Each instance learns routes both via EBgp from CSR via the tunnel, and via IBgp from the other instance. Normally, the EBgp routes are prefered and the IBgp routes will be ingnored. However, if an instance's tunnel drops, the IBGP route serves as the backup to the other instance which will still have an operational tunnel.
If a packet for 10.3.0.4 (Spoke1VM) arrives at an instance, the instance will normally send it out through its tunnel. If the tunnel is no longer present, the instance will send the packet to the other instance via the IBgp route. The other instance will then be able to deliver the packet via its tunnel connection.
From Branch1VM
Navigate to Network interfaces -> Branch1VM-nic. Click Effective routes.
The VM has routes for all prefixes outside of the VNET, pointing to both instances of the Gateway.

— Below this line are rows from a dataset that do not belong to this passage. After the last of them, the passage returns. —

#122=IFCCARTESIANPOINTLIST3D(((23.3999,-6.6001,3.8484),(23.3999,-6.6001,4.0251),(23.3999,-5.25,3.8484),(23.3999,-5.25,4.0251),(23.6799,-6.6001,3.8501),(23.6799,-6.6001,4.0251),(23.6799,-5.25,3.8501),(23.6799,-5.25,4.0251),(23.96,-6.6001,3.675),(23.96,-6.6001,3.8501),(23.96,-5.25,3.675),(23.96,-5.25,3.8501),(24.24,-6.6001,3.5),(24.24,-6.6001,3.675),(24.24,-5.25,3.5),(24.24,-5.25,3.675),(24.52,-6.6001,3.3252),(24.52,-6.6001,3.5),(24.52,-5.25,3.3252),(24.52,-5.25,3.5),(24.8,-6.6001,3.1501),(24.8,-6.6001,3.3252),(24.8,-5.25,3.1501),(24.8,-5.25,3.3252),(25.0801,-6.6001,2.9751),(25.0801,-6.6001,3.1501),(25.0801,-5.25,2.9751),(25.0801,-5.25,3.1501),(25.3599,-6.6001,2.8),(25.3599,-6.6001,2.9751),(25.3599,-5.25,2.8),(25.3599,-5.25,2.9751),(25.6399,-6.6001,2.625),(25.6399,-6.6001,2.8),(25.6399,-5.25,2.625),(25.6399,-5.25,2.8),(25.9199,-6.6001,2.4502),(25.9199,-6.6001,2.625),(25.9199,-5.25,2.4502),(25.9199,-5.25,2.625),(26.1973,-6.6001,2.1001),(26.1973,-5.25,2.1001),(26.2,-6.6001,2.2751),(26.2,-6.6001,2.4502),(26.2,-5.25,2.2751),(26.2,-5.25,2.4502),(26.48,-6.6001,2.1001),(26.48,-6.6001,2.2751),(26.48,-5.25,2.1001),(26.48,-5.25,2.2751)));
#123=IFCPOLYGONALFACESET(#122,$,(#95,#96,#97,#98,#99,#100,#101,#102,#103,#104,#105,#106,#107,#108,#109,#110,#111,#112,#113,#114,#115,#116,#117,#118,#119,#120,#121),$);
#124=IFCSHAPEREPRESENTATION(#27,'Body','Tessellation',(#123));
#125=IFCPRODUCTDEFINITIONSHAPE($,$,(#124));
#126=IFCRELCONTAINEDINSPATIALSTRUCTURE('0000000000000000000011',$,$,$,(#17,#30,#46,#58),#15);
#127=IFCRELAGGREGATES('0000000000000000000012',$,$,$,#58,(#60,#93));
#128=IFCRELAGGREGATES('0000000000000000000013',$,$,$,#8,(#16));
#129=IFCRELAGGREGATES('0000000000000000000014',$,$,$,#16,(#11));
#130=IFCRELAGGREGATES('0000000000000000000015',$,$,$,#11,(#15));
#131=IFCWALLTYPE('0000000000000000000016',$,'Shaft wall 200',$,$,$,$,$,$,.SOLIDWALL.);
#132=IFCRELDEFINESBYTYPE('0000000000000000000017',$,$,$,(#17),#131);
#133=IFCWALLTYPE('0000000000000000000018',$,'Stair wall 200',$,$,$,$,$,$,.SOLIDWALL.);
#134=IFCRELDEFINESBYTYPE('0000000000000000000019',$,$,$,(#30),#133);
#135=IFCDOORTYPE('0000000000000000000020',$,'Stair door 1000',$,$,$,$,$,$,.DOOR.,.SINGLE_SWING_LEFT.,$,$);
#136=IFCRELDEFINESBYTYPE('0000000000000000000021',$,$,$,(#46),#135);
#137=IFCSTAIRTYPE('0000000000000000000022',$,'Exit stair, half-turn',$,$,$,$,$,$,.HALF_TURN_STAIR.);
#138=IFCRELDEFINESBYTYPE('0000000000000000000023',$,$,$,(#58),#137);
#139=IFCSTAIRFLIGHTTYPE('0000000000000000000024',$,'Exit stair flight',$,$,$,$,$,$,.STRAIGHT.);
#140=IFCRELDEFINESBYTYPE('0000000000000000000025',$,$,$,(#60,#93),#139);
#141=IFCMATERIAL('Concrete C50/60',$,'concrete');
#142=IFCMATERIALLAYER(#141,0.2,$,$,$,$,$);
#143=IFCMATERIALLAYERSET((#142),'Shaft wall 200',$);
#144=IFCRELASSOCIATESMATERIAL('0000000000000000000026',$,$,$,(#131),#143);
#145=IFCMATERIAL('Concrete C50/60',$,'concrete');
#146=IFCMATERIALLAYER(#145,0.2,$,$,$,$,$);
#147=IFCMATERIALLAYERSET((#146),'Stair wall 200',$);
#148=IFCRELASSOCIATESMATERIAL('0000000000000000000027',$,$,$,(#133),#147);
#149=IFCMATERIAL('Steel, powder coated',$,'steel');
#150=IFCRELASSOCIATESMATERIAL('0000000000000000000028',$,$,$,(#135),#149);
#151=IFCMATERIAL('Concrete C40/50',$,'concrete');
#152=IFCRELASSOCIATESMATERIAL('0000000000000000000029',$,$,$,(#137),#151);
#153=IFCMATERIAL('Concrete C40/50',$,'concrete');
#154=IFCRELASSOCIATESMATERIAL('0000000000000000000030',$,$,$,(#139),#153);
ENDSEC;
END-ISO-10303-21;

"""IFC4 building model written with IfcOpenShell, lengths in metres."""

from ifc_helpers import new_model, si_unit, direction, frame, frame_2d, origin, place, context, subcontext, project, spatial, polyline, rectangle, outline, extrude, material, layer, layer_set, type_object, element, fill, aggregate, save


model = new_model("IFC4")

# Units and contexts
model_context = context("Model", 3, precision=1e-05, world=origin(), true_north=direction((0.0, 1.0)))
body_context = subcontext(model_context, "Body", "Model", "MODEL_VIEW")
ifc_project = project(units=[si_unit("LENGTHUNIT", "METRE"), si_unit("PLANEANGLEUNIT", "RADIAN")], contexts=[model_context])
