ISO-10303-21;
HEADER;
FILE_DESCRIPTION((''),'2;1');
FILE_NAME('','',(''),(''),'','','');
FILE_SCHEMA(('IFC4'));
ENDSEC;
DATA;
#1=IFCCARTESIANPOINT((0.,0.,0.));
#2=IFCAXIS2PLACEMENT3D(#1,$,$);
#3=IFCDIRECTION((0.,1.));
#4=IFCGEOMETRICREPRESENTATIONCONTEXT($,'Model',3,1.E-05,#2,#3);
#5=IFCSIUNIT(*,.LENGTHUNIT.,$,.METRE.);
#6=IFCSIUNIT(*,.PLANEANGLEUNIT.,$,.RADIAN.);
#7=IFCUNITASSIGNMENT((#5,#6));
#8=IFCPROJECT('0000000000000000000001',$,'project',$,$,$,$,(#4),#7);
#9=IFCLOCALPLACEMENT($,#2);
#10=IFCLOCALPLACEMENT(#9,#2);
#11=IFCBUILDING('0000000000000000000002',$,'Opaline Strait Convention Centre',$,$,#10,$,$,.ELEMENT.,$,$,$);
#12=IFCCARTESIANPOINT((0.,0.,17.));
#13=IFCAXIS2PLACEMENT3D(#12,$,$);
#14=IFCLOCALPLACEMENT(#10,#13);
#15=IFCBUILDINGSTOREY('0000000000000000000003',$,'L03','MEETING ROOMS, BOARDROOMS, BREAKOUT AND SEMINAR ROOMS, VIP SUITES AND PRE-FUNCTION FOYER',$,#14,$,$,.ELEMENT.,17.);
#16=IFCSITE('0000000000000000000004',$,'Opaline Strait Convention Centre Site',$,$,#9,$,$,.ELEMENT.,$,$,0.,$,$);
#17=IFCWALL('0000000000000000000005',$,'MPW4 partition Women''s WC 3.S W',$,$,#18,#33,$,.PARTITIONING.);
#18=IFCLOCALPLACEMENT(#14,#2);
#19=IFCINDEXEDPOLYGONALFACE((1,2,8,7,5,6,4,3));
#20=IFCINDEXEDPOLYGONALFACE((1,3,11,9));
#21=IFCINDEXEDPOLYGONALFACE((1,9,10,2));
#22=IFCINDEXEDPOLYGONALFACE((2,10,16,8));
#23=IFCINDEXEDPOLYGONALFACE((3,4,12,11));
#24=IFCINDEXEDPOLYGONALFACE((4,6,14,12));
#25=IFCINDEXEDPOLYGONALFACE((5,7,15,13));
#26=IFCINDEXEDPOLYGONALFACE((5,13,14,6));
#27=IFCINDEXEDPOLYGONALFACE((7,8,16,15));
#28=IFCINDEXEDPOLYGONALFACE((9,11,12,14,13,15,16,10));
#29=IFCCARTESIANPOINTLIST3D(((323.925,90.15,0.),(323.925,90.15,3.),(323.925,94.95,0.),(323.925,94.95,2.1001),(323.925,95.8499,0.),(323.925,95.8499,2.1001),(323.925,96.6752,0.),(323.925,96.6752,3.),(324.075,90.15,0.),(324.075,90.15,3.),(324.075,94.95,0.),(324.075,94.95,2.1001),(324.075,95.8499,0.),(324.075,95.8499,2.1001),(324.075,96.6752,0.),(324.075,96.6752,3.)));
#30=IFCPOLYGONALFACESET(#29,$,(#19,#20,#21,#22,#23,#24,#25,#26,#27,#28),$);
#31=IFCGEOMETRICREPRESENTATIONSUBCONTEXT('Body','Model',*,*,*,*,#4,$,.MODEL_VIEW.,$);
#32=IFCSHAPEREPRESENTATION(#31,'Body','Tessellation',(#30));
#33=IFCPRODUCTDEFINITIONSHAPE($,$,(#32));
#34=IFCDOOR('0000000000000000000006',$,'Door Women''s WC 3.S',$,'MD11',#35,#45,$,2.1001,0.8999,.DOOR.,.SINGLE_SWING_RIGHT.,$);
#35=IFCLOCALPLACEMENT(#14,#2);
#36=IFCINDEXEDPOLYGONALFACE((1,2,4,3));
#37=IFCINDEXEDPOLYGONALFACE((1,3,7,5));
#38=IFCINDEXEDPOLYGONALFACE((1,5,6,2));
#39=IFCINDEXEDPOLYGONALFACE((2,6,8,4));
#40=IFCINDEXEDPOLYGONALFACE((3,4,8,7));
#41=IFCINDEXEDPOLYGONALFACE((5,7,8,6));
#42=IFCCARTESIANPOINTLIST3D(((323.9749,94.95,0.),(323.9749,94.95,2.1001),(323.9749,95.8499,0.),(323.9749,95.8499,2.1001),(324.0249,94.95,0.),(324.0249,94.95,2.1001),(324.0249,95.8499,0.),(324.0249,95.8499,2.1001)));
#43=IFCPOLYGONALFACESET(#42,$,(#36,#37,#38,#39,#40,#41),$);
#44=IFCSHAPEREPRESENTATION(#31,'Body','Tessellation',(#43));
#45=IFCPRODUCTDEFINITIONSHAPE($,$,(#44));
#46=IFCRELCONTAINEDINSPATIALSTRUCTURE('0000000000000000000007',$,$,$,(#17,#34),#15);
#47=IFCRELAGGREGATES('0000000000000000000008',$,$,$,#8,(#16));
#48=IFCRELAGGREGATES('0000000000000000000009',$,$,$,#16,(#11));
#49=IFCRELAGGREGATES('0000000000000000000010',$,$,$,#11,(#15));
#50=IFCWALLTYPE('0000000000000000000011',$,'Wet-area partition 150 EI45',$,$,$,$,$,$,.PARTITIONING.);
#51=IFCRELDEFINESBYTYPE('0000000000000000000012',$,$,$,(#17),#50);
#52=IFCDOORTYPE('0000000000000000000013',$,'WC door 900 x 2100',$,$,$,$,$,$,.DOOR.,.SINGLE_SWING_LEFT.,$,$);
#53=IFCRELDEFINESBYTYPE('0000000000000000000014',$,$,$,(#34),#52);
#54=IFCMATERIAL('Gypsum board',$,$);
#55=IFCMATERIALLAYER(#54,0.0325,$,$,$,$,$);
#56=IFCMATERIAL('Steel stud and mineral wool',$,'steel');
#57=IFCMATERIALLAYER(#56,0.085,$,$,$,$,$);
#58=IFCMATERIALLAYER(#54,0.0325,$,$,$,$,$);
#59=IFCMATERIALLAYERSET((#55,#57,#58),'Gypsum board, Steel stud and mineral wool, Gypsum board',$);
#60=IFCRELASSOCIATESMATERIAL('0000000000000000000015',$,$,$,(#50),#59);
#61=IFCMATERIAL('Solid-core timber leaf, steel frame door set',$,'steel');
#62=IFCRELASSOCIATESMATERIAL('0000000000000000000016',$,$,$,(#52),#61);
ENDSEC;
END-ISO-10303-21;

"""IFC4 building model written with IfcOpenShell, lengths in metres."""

from ifc_helpers import new_model, si_unit, direction, frame, frame_2d, origin, place, context, subcontext, project, spatial, rectangle, extrude, material, layer, layer_set, type_object, element, fill, save


model = new_model("IFC4")

# Units and contexts
model_context = context("Model", 3, precision=1e-05, world=origin(), true_north=direction((0.0, 1.0)))
body_context = subcontext(model_context, "Body", "Model", "MODEL_VIEW")
ifc_project = project(units=[si_unit("LENGTHUNIT", "METRE"), si_unit("PLANEANGLEUNIT", "RADIAN")], contexts=[model_context])

# Site, building, storey
site_placement = place(None, origin())
site = spatial("IfcSite", under=ifc_project, at=site_placement, Name="Opaline Strait Convention Centre Site", CompositionType="ELEMENT", RefElevation=0.0)
building_placement = place(site_placement, origin())
building = spatial("IfcBuilding", under=site, at=building_placement, Name="Opaline Strait Convention Centre", CompositionType="ELEMENT")
storey_placement = place(building_placement, frame((0.0, 0.0, 17.0)))
storey = spatial("IfcBuildingStorey", under=building, at=storey_placement, Name="L03", Description="MEETING ROOMS, BOARDROOMS, BREAKOUT AND SEMINAR ROOMS, VIP SUITES AND PRE-FUNCTION FOYER", CompositionType="ELEMENT", Elevation=17.0)

# Shared definitions
ifc_material_1 = material(Name="Gypsum board")
ifc_material_2 = material(Name="Steel stud and mineral wool", Category="steel")

# Wall, opening, door
ifc_layer_1 = layer(ifc_material_1, 0.0325)
ifc_layer_2 = layer(ifc_material_2, 0.085)
ifc_layer_3 = layer(ifc_material_1, 0.0325)
ifc_layer_set_1 = layer_set([ifc_layer_1, ifc_layer_2, ifc_layer_3], Name="Gypsum board, Steel stud and mineral wool, Gypsum board")
wall_type_1 = type_object("IfcWallType", Name="Wet-area partition 150 EI45", PredefinedType="PARTITIONING", material=ifc_layer_set_1)
wall_1_placement = place(storey_placement, frame((324.0, 90.1499, 0.0), z_axis=(0.0, 0.0, 1.0), x_axis=(0.0, 1.0, 0.0)))
wall_1 = element("IfcWall", 1, at=wall_1_placement, inside=storey, type_object=wall_type_1, Name="MPW4 partition Women's WC 3.S W", PredefinedType="PARTITIONING", context=body_context, shape_type="SweptSolid", body=[
    extrude(rectangle(XDim=6.5251, YDim=0.1499, at=frame_2d((3.2627, 0.0))), origin(), (0.0, 0.0, 1.0), 3.0),
])
opening_1_placement = place(wall_1_placement, frame((4.8, 0.0, 0.0)))
opening_1 = element("IfcOpeningElement", 2, at=opening_1_placement, cuts=wall_1, PredefinedType="OPENING", context=body_context, shape_type="SweptSolid", body=[
    extrude(rectangle(XDim=0.8999, YDim=2.1001, at=frame_2d((0.45, 1.05))), frame((0.0, 0.085, 0.0), z_axis=(0.0, -1.0, 0.0), x_axis=(1.0, 0.0, 0.0)), (0.0, 0.0, 1.0), 0.1699),
])
ifc_material_3 = material(Name="Solid-core timber leaf, steel frame door set", Category="steel")
door_type = type_object("IfcDoorType", Name="WC door 900 x 2100", OperationType="SINGLE_SWING_LEFT", PredefinedType="DOOR", material=ifc_material_3)
door_placement = place(opening_1_placement, frame((0.8999, 0.0, 0.0), z_axis=(0.0, 0.0, 1.0), x_axis=(-1.0, 0.0, 0.0)))
door = element("IfcDoor", 3, at=door_placement, inside=storey, type_object=door_type, Name="Door Women's WC 3.S", ObjectType="MD11", OperationType="SINGLE_SWING_RIGHT", OverallHeight=2.1001, OverallWidth=0.8999, PredefinedType="DOOR", context=body_context, shape_type="SweptSolid", body=[
    extrude(rectangle(XDim=0.8999, YDim=2.1001, at=frame_2d((0.45, 1.05))), frame((0.0, 0.0249, 0.0), z_axis=(0.0, -1.0, 0.0), x_axis=(1.0, 0.0, 0.0)), (0.0, 0.0, 1.0), 0.05),
])
fill(opening_1, door)

save(model, "model.ifc")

👉 The Azure platform will do Equal Cost Multipath (ECMP) routing, meaning that traffic will be shared over both Gateway instances. Traffic is load shared by flow, with a flow identified by its "5-tuple" of source and destination IP addresses, source and destination ports and protocol (TCP, UDP, ICMP).
Packets belonging to the same flow are sent to the same next hop (Gateway instance). Flow symmetry is not guaranteed: the path for return packets of the same flow is independently determined by the CSR. Return traffic may be sent via the tunnel to the other Gateway instance.